# receiver question....



## Susan Steele (Dec 19, 2018)

Is an HT receiver good for 2-channel music? Does all the riggamaroll for HT mess it up for using it as a good receiver? My Adcom system is dying on me..after 30 years of faithful service. I have a 2011 Denon HT Receiver that saw little use..I think it is the 1911..would it be good for 2-channel?
Susan in VA


----------



## AVoldMan (May 15, 2011)

I to have (actually my wife purchased it for herself in college) a 1980's Onkyo A-7 integrated stereo amp system. It's still working, however in a different room connected to the TV is our AVR to handle all the digital media - Blu-rays and streaming for the 7.2 speaker system. I would definitely give your Denon a chance at just a stereo setup. I have found that most well designed newer components seem to sound better. Maybe after all the years there are some real solid sonic gains!

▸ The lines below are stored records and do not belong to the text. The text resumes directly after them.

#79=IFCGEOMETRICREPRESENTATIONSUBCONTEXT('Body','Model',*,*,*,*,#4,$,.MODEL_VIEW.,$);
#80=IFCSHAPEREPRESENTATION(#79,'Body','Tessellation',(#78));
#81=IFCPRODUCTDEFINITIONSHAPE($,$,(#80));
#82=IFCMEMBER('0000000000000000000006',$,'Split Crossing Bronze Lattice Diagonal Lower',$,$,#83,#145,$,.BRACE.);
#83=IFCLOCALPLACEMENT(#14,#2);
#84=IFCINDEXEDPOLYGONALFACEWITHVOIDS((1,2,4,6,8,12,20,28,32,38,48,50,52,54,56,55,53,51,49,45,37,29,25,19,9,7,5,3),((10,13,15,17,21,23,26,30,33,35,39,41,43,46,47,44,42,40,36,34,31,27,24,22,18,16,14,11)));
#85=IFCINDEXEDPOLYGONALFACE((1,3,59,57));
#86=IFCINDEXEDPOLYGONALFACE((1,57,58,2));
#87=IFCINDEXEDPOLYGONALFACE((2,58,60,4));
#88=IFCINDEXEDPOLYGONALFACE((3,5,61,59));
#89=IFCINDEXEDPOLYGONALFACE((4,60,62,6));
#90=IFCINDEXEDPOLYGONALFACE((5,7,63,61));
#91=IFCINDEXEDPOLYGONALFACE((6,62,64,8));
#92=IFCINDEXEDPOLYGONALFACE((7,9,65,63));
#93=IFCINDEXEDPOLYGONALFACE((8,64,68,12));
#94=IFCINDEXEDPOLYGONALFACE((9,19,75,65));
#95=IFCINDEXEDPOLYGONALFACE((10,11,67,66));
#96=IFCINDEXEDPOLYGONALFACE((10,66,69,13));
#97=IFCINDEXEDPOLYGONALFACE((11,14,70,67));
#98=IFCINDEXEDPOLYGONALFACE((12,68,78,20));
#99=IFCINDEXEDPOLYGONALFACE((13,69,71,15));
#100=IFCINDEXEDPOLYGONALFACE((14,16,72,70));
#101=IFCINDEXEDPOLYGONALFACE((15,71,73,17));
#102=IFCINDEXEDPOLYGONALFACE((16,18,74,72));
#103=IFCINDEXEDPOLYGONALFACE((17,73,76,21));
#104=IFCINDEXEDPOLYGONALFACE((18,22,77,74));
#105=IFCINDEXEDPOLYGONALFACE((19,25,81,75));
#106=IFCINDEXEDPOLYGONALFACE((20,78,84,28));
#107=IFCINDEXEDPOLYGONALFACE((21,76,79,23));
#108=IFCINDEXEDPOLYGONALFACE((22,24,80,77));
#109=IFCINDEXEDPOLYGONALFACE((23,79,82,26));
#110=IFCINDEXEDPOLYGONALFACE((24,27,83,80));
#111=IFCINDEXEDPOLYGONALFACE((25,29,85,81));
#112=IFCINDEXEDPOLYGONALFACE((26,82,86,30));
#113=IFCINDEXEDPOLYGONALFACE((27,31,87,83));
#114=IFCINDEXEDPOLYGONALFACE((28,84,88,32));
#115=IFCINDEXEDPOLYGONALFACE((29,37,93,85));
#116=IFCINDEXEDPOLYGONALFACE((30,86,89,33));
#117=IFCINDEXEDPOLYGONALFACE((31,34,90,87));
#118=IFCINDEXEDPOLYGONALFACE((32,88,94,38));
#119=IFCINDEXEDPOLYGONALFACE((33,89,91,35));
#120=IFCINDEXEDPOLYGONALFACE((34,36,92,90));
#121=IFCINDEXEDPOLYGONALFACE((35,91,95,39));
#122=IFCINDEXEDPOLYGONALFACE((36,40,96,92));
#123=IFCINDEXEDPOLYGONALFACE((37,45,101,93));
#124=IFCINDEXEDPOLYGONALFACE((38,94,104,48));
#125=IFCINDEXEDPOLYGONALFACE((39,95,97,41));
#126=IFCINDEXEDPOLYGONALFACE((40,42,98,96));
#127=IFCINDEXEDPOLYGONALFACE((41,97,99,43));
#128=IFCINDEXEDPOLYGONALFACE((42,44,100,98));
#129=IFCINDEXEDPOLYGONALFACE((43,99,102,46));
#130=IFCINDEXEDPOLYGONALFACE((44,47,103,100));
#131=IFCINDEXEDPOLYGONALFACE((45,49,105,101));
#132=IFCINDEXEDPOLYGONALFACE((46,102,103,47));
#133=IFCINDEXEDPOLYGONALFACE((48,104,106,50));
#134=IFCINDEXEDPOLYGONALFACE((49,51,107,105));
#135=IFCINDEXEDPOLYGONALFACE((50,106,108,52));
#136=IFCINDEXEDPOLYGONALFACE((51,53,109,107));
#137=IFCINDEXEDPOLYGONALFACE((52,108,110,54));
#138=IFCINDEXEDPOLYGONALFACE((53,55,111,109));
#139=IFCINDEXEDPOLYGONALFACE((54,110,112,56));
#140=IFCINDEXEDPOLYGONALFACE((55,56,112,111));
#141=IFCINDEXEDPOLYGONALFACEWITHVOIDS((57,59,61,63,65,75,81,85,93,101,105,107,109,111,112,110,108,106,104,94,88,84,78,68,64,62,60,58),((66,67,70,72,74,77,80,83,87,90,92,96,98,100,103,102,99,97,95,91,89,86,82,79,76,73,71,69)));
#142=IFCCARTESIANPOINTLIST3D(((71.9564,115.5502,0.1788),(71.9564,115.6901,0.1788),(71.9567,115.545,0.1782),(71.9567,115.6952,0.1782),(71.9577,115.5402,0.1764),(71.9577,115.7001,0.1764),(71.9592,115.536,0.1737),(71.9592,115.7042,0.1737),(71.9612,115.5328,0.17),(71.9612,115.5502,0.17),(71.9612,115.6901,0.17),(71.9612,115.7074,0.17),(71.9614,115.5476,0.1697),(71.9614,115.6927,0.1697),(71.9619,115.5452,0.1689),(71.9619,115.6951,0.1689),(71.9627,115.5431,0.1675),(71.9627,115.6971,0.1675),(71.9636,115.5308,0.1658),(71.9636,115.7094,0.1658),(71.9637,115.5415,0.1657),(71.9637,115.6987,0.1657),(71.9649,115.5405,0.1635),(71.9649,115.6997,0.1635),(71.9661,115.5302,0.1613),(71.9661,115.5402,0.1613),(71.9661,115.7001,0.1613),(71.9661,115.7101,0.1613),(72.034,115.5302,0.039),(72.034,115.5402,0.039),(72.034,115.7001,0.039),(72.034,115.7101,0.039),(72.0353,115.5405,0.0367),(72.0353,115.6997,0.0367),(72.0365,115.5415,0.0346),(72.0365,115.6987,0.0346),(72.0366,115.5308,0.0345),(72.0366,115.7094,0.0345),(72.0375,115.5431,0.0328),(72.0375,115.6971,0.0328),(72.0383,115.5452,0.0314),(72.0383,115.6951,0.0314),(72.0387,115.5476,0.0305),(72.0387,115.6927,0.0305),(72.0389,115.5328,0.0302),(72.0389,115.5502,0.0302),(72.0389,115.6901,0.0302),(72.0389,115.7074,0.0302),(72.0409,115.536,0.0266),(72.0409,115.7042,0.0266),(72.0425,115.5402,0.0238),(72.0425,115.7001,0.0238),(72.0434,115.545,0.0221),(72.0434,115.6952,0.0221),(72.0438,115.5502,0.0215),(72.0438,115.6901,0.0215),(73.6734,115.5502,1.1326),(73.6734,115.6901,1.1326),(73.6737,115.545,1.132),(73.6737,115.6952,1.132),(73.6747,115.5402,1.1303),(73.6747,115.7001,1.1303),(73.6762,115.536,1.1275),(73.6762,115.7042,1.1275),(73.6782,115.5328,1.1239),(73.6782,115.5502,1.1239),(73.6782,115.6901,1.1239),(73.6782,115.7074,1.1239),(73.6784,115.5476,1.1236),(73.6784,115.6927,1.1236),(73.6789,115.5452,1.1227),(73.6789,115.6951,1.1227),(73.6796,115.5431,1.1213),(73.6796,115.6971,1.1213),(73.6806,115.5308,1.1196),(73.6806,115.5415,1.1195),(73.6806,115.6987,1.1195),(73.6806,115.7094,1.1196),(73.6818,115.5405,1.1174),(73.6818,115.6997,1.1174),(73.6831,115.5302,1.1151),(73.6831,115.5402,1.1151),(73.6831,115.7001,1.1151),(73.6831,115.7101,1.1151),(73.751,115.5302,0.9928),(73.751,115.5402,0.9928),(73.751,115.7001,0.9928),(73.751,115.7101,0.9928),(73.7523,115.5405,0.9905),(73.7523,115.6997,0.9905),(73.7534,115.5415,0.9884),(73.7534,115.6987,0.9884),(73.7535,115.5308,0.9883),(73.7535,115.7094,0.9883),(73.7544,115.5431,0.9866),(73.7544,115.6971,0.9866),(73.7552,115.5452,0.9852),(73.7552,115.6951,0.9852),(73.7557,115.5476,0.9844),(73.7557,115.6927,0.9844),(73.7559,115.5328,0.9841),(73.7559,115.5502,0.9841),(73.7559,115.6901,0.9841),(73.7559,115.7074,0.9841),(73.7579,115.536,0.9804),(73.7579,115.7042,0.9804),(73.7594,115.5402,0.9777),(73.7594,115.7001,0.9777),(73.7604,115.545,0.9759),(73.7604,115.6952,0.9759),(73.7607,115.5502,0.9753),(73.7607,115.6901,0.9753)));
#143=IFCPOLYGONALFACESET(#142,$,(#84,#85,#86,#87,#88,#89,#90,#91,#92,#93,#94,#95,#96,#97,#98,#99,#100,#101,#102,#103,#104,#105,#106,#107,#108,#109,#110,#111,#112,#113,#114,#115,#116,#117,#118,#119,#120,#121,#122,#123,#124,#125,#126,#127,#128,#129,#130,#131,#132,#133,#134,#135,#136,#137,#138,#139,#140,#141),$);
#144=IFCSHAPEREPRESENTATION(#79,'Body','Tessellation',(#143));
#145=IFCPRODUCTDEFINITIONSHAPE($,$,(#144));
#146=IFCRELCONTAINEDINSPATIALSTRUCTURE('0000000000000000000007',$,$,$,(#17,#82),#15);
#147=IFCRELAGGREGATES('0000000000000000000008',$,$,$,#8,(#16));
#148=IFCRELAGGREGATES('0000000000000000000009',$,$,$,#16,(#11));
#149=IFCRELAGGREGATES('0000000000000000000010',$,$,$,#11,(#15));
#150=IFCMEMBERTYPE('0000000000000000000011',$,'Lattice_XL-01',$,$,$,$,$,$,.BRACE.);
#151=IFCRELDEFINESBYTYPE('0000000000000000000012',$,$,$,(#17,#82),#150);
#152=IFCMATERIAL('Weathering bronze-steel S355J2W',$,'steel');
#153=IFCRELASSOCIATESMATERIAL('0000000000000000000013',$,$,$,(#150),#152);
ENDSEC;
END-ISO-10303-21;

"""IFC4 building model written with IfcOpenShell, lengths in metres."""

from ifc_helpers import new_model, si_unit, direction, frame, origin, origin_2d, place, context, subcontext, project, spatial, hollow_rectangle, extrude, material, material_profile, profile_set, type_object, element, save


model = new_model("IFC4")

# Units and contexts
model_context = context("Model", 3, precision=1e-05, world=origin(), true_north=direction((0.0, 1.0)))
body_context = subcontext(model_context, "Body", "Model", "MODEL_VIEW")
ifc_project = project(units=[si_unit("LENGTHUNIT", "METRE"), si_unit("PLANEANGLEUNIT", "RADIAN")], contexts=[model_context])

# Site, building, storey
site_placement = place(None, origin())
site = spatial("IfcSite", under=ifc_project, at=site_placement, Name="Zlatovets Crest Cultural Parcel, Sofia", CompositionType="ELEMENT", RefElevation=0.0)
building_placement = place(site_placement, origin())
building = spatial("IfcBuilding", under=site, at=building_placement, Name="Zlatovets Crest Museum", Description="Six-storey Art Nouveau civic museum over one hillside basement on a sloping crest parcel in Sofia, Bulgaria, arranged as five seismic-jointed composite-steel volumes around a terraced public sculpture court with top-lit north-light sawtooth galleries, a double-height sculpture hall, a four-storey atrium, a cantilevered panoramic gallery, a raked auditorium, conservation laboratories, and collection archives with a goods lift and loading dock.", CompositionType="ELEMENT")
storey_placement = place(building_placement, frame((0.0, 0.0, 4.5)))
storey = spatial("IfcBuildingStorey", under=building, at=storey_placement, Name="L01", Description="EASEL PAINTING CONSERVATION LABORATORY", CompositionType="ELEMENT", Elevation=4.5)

The one issue that I have with AVR's and I believe you hinted at it. Does it mess things up? Well, after you decipher the controls and defeat the features you don't really need for your setup the sound may very well please you. It does allow for the trivial addition of a subwoofer if your system needs low bass reinforcement. I have found that with my smallish speakers the subwoofer addition makes a better 2.1 system than just a 2.0 (or stereo speaker pair).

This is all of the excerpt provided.